The file has already been prepared with the appropriate column names however our heatmap is going to make a lot more sense if we use the Player name to name the rows rather than a number.
 
row.names(jazz) <- jazz$Player

Now that we have used the Player name to name the rows, we can get rid of it from our Dataset.
 
jazz1=subset(jazz,select=-Player)

Note: You can simply reuse the ‘jazz’ variable for this but for safety, I’m placing the results in a new variable named ‘jazz1’
 

 
 
 

4. Create a Data Matrix

When we imported the data, it was imported it a dataframe variable. In order to use the built in heatmap function, we need to convert our dataframe to a datamatrix.
 
Remember, we put our massaged dataframe into a new variable named ‘jazz1’.
 
jazz_matrix <- data.matrix(jazz1)


 
 
 

5. Generate the Heatmap

Now for the fun part, this one line of code will generate the heatmap visual display.
 
jazz_heatmap <- heatmap(jazz_matrix, Rowv=NA, Colv=NA, col = cm.colors(256), scale="column", margins=c(3,3))

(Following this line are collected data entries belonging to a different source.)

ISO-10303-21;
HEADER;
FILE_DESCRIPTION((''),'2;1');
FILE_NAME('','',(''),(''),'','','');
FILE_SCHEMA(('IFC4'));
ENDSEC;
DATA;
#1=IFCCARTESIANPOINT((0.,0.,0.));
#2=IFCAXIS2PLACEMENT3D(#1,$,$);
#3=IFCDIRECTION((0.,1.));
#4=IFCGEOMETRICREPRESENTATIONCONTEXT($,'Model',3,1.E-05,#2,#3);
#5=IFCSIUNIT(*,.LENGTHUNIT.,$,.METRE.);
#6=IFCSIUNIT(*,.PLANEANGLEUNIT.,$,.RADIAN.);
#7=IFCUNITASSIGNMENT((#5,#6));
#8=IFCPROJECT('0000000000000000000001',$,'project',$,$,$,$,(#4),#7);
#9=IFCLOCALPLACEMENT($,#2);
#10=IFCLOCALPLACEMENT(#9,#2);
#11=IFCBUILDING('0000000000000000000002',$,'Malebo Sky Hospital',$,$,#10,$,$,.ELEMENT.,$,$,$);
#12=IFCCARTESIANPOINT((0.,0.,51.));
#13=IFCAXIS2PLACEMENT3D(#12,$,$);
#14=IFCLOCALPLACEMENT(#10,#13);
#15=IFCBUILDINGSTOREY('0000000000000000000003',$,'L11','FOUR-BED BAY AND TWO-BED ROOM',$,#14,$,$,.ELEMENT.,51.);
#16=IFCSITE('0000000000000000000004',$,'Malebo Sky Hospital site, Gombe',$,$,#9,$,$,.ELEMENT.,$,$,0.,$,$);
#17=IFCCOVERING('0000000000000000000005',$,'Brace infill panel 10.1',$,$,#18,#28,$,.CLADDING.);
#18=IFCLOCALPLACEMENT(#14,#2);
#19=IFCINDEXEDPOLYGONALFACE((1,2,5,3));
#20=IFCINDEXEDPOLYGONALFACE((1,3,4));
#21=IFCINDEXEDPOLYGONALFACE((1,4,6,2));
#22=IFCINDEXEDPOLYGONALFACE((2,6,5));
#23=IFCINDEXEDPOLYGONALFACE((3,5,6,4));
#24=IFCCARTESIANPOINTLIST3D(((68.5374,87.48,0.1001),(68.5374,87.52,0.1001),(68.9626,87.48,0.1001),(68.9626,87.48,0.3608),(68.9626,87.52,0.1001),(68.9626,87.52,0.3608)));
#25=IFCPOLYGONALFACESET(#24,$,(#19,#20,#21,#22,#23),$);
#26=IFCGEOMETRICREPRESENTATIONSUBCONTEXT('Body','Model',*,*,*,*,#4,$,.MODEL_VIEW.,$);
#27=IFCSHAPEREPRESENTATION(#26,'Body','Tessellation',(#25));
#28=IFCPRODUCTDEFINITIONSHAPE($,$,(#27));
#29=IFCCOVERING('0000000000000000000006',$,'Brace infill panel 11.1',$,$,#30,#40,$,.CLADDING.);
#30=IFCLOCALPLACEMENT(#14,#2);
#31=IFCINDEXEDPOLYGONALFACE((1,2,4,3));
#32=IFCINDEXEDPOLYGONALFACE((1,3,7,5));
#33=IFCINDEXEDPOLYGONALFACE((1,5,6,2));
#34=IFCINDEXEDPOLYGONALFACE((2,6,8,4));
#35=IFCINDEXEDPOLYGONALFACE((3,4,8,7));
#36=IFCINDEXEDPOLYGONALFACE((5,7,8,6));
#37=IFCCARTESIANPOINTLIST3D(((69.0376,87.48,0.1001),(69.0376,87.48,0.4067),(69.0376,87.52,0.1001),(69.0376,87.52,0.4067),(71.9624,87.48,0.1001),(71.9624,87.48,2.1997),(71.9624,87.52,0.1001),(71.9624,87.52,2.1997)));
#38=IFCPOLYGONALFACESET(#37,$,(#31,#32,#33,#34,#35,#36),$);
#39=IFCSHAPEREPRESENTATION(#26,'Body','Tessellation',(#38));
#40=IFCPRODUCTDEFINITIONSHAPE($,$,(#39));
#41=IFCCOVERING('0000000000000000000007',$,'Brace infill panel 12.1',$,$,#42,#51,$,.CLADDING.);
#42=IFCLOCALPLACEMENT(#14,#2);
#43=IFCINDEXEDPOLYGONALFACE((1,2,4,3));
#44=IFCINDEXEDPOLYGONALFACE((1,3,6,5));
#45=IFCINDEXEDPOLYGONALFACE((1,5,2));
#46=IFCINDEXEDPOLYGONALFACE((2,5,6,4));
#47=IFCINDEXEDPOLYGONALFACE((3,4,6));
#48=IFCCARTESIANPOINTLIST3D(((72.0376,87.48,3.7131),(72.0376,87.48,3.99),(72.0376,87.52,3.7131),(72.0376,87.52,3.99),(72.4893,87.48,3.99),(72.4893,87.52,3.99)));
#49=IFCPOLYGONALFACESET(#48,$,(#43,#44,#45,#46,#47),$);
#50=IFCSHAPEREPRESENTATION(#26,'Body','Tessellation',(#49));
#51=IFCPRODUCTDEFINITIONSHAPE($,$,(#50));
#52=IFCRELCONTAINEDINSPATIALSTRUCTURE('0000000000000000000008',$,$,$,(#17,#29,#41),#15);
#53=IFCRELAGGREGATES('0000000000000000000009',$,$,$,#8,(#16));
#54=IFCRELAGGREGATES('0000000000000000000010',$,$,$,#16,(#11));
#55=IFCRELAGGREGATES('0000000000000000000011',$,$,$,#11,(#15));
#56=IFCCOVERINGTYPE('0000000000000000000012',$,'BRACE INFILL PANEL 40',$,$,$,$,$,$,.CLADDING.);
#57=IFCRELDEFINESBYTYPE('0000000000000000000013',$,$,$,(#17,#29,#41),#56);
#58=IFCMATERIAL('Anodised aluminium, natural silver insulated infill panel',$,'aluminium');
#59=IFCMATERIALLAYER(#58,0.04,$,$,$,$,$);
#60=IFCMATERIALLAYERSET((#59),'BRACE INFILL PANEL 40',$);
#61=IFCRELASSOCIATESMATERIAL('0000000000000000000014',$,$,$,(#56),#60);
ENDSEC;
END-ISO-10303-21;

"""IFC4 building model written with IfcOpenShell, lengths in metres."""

from ifc_helpers import new_model, si_unit, direction, frame, origin, place, context, subcontext, project, spatial, polyline, outline, extrude, material, layer, layer_set, type_object, element, save


model = new_model("IFC4")

# Units and contexts
model_context = context("Model", 3, precision=1e-05, world=origin(), true_north=direction((0.0, 1.0)))
body_context = subcontext(model_context, "Body", "Model", "MODEL_VIEW")
ifc_project = project(units=[si_unit("LENGTHUNIT", "METRE"), si_unit("PLANEANGLEUNIT", "RADIAN")], contexts=[model_context])

# Site, building, storey
site_placement = place(None, origin())
site = spatial("IfcSite", under=ifc_project, at=site_placement, Name="Malebo Sky Hospital site, Gombe", CompositionType="ELEMENT", RefElevation=0.0)
building_placement = place(site_placement, origin())
building = spatial("IfcBuilding", under=site, at=building_placement, Name="Malebo Sky Hospital", CompositionType="ELEMENT")
storey_placement = place(building_placement, frame((0.0, 0.0, 51.0)))
storey = spatial("IfcBuildingStorey", under=building, at=storey_placement, Name="L11", Description="FOUR-BED BAY AND TWO-BED ROOM", CompositionType="ELEMENT", Elevation=51.0)

# Coverings
ifc_material_1 = material(Name="Anodised aluminium, natural silver insulated infill panel", Category="aluminium")
ifc_layer_1 = layer(ifc_material_1, 0.04)
ifc_layer_set_1 = layer_set([ifc_layer_1], Name="BRACE INFILL PANEL 40")
covering_type = type_object("IfcCoveringType", Name="BRACE INFILL PANEL 40", PredefinedType="CLADDING", material=ifc_layer_set_1)
covering_1_placement = place(storey_placement, frame((68.75, 87.5, 0.1001), z_axis=(0.0, 0.0, 1.0), x_axis=(1.0, 0.0, 0.0)))
element("IfcCovering", 1, at=covering_1_placement, inside=storey, type_object=covering_type, Name="Brace infill panel 10.1", PredefinedType="CLADDING", context=body_context, shape_type="SweptSolid", body=[
    extrude(outline(polyline([(-0.2126, 0.0), (0.2126, 0.0), (0.2126, 0.2607), (-0.2126, 0.0)])), frame((0.0, 0.02, 0.0), z_axis=(0.0, -1.0, 0.0), x_axis=(1.0, 0.0, 0.0)), (0.0, 0.0, 1.0), 0.04),
])
covering_2_placement = place(storey_placement, frame((70.5, 87.5, 0.1001), z_axis=(0.0, 0.0, 1.0), x_axis=(1.0, 0.0, 0.0)))
element("IfcCovering", 2, at=covering_2_placement, inside=storey, type_object=covering_type, Name="Brace infill panel 11.1", PredefinedType="CLADDING", context=body_context, shape_type="SweptSolid", body=[
    extrude(outline(polyline([(-1.4624, 0.0), (1.4624, 0.0), (1.4624, 2.0996), (-1.4624, 0.3066), (-1.4624, 0.0)])), frame((0.0, 0.02, 0.0), z_axis=(0.0, -1.0, 0.0), x_axis=(1.0, 0.0, 0.0)), (0.0, 0.0, 1.0), 0.04),
])
covering_3_placement = place(storey_placement, frame((72.2634, 87.5, 3.7131), z_axis=(0.0, 0.0, 1.0), x_axis=(1.0, 0.0, 0.0)))
element("IfcCovering", 3, at=covering_3_placement, inside=storey, type_object=covering_type, Name="Brace infill panel 12.1", PredefinedType="CLADDING", context=body_context, shape_type="SweptSolid", body=[
    extrude(outline(polyline([(-0.2258, 0.0), (0.2258, 0.2769), (-0.2258, 0.2769), (-0.2258, 0.0)])), frame((0.0, 0.02, 0.0), z_axis=(0.0, -1.0, 0.0), x_axis=(1.0, 0.0, 0.0)), (0.0, 0.0, 1.0), 0.04),
])

save(model, "model.ifc")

and….voila…we have a heatmap.
 

 
 
 

6. Make It Pop With Color

The pastel colors in the heatmap shown above are from the default color pallet (cm.colors) however you can colorize your heatmap in anyway you want. I like the out-of-the-box heatmap ready pallet (heat.colors) so let’s apply that now.
 
jazz_heatmap <- heatmap(jazz_matrix, Rowv=NA, Colv=NA, col = heat.colors(256), scale="column", margins=c(3,3))

 
Awesome!!! But wait, the players at the bottom of the chart seem to be warmer than the players at the top. This isn’t logically matching up to my expectations of red showing the most density (points, rebounds, etc.)
 
We can fix this. Let’s reverse the color pallet.
 
color = rev(heat.colors(256))
 
Now, rerun the heatmap with our new color pallet.
 
jazz_heatmap <- heatmap(jazz_matrix, Rowv=NA, Colv=NA, col = color, scale="column", margins=c(3,3))

 
Better.
 
From here, you can pull it into your favorite photo editor and add a title and other descriptors.
 
 
 

I hope you found this little tutorial helpful and most of all, I hope this makes you think about expanding the frameworks you use when you are building your next analysis.